Incapaz de pronunciar uma frase inteligível, Dilma Rousseff faz de conta que lê livros. Com o PAC em frangalhos, mantém a camuflagem de supergerente incomparável. Delúbio Soares, o contador do mensalão, voltou para o PT vestido de professor de matemática injustamente castigado. O partido que virou quadrilha luta sem descanso para incorporar à classe média os últimos miseráveis. Os balidos atestam que o rebanho enxerga apenas o que os pastores desenham.
Se tivesse juntado o acervo de bandalheiras numa das malocas governadas pelo morubixaba embusteiro, Demóstenes estaria engordando na tribo dos demóstenes. Com sorte, até o fim do ano viraria ministro.

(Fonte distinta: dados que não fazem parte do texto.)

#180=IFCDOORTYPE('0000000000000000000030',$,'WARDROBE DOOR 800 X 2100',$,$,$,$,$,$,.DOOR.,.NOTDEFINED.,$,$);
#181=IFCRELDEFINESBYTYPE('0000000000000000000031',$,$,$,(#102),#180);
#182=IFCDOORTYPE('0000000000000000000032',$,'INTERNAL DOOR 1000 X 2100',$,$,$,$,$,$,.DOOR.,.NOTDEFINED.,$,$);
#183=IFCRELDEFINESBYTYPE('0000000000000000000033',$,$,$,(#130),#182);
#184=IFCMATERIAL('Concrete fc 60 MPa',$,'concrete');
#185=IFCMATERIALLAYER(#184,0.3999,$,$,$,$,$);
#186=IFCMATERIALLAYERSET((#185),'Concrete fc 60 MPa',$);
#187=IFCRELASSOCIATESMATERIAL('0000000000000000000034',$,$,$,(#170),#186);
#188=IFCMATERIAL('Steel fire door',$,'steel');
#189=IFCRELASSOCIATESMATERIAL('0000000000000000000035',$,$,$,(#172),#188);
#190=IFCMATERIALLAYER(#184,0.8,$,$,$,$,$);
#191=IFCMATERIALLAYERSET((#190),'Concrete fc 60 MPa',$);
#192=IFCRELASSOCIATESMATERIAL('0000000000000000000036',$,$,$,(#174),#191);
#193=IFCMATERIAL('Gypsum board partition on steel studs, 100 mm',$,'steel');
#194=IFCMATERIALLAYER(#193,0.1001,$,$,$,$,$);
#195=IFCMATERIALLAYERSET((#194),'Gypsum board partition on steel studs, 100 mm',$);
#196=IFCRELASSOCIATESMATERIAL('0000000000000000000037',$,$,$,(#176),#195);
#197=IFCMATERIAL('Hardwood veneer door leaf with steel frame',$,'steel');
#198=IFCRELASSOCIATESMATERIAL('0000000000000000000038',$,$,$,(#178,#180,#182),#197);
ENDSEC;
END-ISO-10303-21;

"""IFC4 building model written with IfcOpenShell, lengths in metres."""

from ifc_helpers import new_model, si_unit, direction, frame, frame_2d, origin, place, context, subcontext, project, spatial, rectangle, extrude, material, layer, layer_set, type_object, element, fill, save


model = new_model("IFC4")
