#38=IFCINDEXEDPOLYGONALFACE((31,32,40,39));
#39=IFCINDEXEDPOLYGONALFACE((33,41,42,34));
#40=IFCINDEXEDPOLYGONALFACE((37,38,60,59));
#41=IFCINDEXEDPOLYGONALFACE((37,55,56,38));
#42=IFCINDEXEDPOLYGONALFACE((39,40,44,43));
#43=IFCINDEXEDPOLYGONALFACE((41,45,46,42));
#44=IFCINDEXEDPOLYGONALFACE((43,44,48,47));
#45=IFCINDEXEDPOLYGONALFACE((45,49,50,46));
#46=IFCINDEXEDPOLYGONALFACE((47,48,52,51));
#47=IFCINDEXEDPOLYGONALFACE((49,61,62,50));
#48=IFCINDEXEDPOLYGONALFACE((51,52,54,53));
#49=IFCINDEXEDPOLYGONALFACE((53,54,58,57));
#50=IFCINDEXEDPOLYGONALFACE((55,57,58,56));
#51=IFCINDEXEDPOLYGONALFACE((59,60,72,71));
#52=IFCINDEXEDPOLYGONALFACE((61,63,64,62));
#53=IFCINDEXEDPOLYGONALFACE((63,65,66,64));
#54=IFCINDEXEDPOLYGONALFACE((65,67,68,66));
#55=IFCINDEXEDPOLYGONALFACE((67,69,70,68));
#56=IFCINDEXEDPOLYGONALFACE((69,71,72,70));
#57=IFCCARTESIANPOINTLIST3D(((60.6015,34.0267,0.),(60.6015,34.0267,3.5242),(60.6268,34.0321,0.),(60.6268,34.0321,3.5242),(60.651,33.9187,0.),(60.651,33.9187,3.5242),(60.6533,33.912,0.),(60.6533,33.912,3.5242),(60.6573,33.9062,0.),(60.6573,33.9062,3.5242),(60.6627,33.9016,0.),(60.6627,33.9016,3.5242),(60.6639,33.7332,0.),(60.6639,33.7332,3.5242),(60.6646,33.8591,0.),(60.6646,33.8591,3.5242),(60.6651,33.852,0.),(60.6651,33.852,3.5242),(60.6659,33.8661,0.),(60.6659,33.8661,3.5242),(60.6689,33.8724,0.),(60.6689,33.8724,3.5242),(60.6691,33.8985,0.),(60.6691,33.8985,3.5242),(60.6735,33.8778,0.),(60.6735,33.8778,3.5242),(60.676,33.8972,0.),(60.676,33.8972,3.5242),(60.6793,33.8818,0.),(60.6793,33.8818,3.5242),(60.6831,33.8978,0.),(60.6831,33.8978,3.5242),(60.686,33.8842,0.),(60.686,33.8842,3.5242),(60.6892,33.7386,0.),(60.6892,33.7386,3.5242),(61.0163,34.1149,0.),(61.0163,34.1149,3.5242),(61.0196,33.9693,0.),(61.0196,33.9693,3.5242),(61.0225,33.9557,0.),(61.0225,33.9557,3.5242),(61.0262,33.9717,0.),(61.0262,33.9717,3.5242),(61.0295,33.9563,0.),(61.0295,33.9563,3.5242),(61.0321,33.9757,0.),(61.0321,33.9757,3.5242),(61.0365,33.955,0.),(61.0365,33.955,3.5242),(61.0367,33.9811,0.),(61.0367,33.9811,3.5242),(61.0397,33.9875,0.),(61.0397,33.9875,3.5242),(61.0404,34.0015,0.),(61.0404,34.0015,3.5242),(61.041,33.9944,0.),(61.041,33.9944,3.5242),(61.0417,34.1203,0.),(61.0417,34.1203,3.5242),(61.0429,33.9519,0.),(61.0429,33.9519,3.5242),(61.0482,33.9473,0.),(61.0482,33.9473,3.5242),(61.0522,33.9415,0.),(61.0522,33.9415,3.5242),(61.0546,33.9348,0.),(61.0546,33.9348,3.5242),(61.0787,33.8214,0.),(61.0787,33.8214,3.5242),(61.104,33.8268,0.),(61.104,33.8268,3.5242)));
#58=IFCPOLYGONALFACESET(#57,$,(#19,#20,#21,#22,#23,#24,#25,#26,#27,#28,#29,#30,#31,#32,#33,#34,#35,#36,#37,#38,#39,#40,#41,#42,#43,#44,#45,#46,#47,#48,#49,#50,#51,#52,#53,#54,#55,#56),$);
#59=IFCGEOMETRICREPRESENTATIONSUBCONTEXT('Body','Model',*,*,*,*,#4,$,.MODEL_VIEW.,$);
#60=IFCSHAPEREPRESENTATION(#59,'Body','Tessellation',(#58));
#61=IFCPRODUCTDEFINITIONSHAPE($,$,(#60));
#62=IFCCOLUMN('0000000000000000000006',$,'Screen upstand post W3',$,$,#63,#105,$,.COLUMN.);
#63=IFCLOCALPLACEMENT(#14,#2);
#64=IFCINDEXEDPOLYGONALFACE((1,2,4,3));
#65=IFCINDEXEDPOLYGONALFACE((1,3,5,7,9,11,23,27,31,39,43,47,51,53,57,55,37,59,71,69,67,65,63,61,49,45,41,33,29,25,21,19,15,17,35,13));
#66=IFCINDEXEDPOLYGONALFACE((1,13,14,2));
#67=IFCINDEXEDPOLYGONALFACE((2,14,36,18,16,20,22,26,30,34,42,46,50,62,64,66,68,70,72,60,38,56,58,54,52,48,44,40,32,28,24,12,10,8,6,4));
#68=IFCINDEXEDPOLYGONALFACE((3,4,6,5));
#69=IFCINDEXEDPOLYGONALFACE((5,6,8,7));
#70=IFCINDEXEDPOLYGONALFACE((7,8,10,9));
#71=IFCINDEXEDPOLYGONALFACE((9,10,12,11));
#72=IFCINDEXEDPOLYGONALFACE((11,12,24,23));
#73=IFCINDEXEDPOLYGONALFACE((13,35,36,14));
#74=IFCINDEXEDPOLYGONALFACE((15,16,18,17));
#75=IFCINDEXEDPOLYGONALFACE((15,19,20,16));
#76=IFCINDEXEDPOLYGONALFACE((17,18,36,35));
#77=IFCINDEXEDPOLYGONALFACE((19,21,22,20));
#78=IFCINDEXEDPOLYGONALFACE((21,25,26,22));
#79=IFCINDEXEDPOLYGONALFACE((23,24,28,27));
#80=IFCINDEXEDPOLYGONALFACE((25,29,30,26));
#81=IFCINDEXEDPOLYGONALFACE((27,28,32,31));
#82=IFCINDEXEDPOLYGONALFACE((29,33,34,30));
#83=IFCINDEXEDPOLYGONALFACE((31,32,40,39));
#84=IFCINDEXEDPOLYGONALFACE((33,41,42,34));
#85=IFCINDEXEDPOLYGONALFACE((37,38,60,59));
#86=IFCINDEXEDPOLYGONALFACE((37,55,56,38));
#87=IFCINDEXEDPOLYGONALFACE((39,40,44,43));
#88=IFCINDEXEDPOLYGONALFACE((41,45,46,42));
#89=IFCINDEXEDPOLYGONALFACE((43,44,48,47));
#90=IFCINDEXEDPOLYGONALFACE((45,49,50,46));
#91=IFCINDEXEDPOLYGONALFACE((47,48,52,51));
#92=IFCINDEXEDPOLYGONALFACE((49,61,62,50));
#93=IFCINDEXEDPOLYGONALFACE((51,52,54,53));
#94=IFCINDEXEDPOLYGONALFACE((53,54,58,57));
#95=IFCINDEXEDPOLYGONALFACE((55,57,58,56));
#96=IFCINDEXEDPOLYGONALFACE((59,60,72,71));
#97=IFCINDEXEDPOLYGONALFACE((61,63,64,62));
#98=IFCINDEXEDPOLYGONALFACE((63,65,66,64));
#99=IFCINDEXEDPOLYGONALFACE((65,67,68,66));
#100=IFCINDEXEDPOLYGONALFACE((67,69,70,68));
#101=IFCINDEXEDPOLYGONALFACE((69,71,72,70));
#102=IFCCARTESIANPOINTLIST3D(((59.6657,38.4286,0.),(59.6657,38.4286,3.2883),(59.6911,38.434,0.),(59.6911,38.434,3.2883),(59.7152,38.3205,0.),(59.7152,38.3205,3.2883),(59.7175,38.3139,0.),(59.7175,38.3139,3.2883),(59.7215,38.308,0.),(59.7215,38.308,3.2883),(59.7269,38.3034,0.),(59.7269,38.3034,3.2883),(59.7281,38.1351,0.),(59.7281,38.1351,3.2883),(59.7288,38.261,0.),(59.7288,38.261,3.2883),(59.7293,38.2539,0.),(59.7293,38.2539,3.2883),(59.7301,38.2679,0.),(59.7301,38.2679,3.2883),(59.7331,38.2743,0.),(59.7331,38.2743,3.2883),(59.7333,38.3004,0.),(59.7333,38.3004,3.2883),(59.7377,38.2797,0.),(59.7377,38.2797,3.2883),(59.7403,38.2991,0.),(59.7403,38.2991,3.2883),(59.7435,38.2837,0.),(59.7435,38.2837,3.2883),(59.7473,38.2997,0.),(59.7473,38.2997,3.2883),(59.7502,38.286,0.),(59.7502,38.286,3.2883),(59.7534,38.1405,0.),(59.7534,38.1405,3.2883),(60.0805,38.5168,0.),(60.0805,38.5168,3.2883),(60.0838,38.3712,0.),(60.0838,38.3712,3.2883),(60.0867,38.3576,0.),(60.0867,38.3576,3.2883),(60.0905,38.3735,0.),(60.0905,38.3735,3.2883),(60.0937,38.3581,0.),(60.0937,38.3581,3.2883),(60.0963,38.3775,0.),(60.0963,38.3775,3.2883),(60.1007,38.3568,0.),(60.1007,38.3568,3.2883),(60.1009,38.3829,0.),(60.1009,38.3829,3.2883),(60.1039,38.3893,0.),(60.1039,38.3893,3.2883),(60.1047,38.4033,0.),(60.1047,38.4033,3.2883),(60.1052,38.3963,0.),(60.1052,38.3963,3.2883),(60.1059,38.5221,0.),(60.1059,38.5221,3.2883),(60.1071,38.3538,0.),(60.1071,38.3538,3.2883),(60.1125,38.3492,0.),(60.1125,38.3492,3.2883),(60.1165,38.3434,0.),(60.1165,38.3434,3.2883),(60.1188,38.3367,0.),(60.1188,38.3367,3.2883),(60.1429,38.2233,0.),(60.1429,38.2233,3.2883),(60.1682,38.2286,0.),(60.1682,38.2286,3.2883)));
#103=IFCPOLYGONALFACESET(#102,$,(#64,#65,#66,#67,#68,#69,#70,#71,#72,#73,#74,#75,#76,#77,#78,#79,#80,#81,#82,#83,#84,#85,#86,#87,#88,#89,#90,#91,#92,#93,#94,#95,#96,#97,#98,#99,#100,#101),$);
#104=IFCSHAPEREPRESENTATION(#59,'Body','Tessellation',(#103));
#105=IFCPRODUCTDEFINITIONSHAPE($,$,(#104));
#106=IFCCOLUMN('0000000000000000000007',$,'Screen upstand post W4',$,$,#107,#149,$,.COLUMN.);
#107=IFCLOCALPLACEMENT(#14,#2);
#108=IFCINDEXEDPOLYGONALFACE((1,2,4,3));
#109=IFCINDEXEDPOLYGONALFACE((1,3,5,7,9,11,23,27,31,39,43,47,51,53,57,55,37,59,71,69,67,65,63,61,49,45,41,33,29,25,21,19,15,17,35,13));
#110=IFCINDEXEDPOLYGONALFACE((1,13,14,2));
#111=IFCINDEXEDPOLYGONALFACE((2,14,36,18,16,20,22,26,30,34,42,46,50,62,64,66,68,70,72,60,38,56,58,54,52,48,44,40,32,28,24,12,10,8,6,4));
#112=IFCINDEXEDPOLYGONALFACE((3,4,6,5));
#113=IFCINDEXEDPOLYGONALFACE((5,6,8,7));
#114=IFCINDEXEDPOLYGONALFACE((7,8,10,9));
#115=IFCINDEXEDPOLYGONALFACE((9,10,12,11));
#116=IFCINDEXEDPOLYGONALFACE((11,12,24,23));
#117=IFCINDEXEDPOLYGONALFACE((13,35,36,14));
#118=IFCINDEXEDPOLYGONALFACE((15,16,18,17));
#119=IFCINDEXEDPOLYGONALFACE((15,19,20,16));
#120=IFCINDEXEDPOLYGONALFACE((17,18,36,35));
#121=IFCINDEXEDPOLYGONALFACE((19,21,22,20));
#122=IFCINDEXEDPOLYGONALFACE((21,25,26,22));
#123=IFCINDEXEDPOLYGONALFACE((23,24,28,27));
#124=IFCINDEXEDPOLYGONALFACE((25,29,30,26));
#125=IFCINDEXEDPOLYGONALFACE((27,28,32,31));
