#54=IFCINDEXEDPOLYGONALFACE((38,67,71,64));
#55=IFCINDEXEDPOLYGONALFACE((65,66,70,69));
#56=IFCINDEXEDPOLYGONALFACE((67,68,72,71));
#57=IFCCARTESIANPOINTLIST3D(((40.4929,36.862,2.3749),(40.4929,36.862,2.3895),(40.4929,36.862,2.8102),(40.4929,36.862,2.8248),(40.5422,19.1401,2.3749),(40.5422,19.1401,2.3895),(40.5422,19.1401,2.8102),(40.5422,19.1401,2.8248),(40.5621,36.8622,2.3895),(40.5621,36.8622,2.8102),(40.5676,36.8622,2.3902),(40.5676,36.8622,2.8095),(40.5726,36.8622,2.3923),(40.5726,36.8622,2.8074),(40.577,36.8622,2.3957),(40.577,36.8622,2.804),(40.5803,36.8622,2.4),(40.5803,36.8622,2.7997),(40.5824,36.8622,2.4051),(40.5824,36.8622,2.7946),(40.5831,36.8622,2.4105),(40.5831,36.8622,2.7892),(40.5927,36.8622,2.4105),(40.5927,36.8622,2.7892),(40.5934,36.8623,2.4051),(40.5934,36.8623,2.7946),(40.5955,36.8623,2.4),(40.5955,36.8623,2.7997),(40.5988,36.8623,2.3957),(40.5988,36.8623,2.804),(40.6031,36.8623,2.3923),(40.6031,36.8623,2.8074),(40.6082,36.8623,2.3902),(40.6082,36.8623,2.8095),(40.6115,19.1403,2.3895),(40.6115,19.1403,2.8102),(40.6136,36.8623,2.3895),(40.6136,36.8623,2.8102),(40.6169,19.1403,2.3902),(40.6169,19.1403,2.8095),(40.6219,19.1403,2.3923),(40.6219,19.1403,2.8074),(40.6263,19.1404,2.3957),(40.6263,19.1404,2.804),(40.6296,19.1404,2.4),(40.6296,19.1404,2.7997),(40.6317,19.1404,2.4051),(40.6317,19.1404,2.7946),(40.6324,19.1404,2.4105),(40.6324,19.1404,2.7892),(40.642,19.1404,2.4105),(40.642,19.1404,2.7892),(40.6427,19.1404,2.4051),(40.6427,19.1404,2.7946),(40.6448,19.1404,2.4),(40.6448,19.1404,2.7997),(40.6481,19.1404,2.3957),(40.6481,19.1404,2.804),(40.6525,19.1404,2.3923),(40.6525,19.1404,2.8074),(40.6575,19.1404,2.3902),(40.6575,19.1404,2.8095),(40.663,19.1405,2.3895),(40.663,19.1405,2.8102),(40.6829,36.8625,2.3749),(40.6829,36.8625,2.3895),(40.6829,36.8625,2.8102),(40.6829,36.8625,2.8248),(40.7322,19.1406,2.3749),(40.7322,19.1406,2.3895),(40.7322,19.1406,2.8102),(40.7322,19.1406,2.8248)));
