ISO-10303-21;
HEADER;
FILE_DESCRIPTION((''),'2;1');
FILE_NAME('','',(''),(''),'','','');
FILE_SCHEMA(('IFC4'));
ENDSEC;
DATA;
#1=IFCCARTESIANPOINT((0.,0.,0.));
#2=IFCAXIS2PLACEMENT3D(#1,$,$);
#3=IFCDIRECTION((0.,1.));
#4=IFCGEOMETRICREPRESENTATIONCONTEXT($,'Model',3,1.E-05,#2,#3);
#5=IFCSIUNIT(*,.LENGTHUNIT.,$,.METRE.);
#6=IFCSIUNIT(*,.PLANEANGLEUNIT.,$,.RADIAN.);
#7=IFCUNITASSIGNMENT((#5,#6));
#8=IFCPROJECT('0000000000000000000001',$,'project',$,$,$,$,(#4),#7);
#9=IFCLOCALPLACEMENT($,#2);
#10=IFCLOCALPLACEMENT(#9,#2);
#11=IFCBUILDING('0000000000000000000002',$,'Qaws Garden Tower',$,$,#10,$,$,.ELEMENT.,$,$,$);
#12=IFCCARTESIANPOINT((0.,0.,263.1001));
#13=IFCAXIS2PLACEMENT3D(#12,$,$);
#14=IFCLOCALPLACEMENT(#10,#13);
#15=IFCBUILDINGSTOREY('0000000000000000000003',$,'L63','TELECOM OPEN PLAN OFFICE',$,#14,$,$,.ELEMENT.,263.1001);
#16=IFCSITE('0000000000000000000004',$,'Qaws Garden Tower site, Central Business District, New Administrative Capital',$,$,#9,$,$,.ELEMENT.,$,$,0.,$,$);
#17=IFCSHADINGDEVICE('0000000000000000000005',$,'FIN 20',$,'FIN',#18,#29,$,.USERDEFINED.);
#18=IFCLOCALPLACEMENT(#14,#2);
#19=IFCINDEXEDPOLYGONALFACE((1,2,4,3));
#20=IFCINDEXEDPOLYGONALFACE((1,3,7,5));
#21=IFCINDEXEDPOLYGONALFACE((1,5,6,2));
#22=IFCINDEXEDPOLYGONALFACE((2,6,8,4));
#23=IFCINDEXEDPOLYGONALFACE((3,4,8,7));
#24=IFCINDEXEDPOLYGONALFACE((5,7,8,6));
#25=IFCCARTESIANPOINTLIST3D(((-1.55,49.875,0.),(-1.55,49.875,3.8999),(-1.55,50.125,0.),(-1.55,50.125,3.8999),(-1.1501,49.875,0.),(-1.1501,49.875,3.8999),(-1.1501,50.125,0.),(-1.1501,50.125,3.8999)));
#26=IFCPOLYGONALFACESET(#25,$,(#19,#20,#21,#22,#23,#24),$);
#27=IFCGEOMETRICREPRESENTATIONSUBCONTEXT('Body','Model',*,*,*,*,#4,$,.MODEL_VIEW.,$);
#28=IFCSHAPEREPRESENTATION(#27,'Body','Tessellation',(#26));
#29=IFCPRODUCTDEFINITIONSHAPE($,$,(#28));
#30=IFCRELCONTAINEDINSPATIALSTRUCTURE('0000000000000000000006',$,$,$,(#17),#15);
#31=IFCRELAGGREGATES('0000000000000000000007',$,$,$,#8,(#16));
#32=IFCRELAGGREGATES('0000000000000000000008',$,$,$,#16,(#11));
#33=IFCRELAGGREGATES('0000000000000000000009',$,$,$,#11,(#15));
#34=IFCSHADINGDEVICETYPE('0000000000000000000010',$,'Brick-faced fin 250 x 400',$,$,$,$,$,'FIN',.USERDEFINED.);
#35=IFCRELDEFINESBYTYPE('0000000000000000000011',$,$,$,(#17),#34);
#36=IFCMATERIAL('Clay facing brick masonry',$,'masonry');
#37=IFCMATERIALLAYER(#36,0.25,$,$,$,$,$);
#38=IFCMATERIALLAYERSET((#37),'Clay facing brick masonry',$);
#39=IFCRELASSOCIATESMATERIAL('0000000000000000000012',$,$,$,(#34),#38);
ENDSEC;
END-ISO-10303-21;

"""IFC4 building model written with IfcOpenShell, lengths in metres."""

from ifc_helpers import new_model, si_unit, direction, frame, origin, origin_2d, place, context, subcontext, project, spatial, rectangle, extrude, material, layer, layer_set, type_object, element, save


model = new_model("IFC4")

# Units and contexts
model_context = context("Model", 3, precision=1e-05, world=origin(), true_north=direction((0.0, 1.0)))
body_context = subcontext(model_context, "Body", "Model", "MODEL_VIEW")
ifc_project = project(units=[si_unit("LENGTHUNIT", "METRE"), si_unit("PLANEANGLEUNIT", "RADIAN")], contexts=[model_context])

# Site, building, storey
site_placement = place(None, origin())
site = spatial("IfcSite", under=ifc_project, at=site_placement, Name="Qaws Garden Tower site, Central Business District, New Administrative Capital", CompositionType="ELEMENT", RefElevation=0.0)
building_placement = place(site_placement, origin())
building = spatial("IfcBuilding", under=site, at=building_placement, Name="Qaws Garden Tower", CompositionType="ELEMENT")
storey_placement = place(building_placement, frame((0.0, 0.0, 263.1001)))
storey = spatial("IfcBuildingStorey", under=building, at=storey_placement, Name="L63", Description="TELECOM OPEN PLAN OFFICE", CompositionType="ELEMENT", Elevation=263.1001)

# Shading device
ifc_material_1 = material(Name="Clay facing brick masonry", Category="masonry")
ifc_layer_1 = layer(ifc_material_1, 0.25)
ifc_layer_set_1 = layer_set([ifc_layer_1], Name="Clay facing brick masonry")
shading_device_type = type_object("IfcShadingDeviceType", Name="Brick-faced fin 250 x 400", ElementType="FIN", PredefinedType="USERDEFINED", material=ifc_layer_set_1)
shading_device_placement = place(storey_placement, frame((-1.3501, 50.0, 0.0), z_axis=(0.0, 0.0, 1.0), x_axis=(0.0, -1.0, 0.0)))
element("IfcShadingDevice", 1, at=shading_device_placement, inside=storey, type_object=shading_device_type, Name="FIN 20", ObjectType="FIN", PredefinedType="USERDEFINED", context=body_context, shape_type="SweptSolid", body=[
    extrude(rectangle(XDim=0.25, YDim=0.3999, at=origin_2d()), origin(), (0.0, 0.0, 1.0), 3.8999),
])

save(model, "model.ifc")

sexta-feira, 30 de março de 2012

DEMÓSTENES, ANVISA, CACHOEIRA, VITAPAN, A PICARETAGEM À SERVIÇO DE INTERESSES ESCUSOS



Influência a serviço de Cachoeira


Influência para conseguir audiência
Demóstenes Torres ainda era um respeitado e influente senador da República quando solicitou à Anvisa, no começo de setembro do ano passado, um encontro com seu diretor-presidente, Dirceu Barbano. A conversa, dizia o pedido de audiência, serviria para tratar de um certo “protocolo de câncer de próstata”. Diante do pedido de um senador e da relevância do tema, Barbano encaminhou a solicitação com prioridade, marcando a conversa para 21 de setembro.
Com a audiência confirmada, Demóstenes apresentou então o real motivo da conversa com o comandante da Anvisa: discutir a liberação de registros da agência para medicamentos genéricos e similares do laboratório Vitapan, um dos braços de Carlinhos Cachoeira na indústria farmacêutica, localizado na cidade do bicheiro, Anápolis (GO).
A inclusão do tema foi realizada a partir de um e-mail enviado na véspera do encontro pela assessoria de Demóstenes à Anvisa. No dia 21, às 14h, como registra a ata do encontro, Demóstenes apareceu na Anvisa acompanhado de dois representantes do Vitapan para conversar com Barbano e deixou que eles apresentassem os pleitos de Cachoeira.
A mediação do encontro dos representantes do Vitapan com o chefe da Anvisa é uma das primeiras evidências diretas de que Demóstenes usava a influência do mandato para tratar dos interesses de Cachoeira junto a órgãos do governo. Sem a interferência de Demóstenes, os representantes do Vitapan dificilmente teriam conseguido uma audiência fechada com o comandante da Anvisa para tratar de interesses comerciais do laboratório.
Assuntos dessa natureza (obtenção de registro) costumam ter uma longa tramitação na agência e são tratados em audiências públicas, com conteúdo integralmente gravado em vídeo. O privilégio ao Vitapan só foi possível após a intermediação de Demóstenes. Apesar do empurrãozinho, a Anvisa garante que os pleitos comerciais do laboratório não foram levados a diante.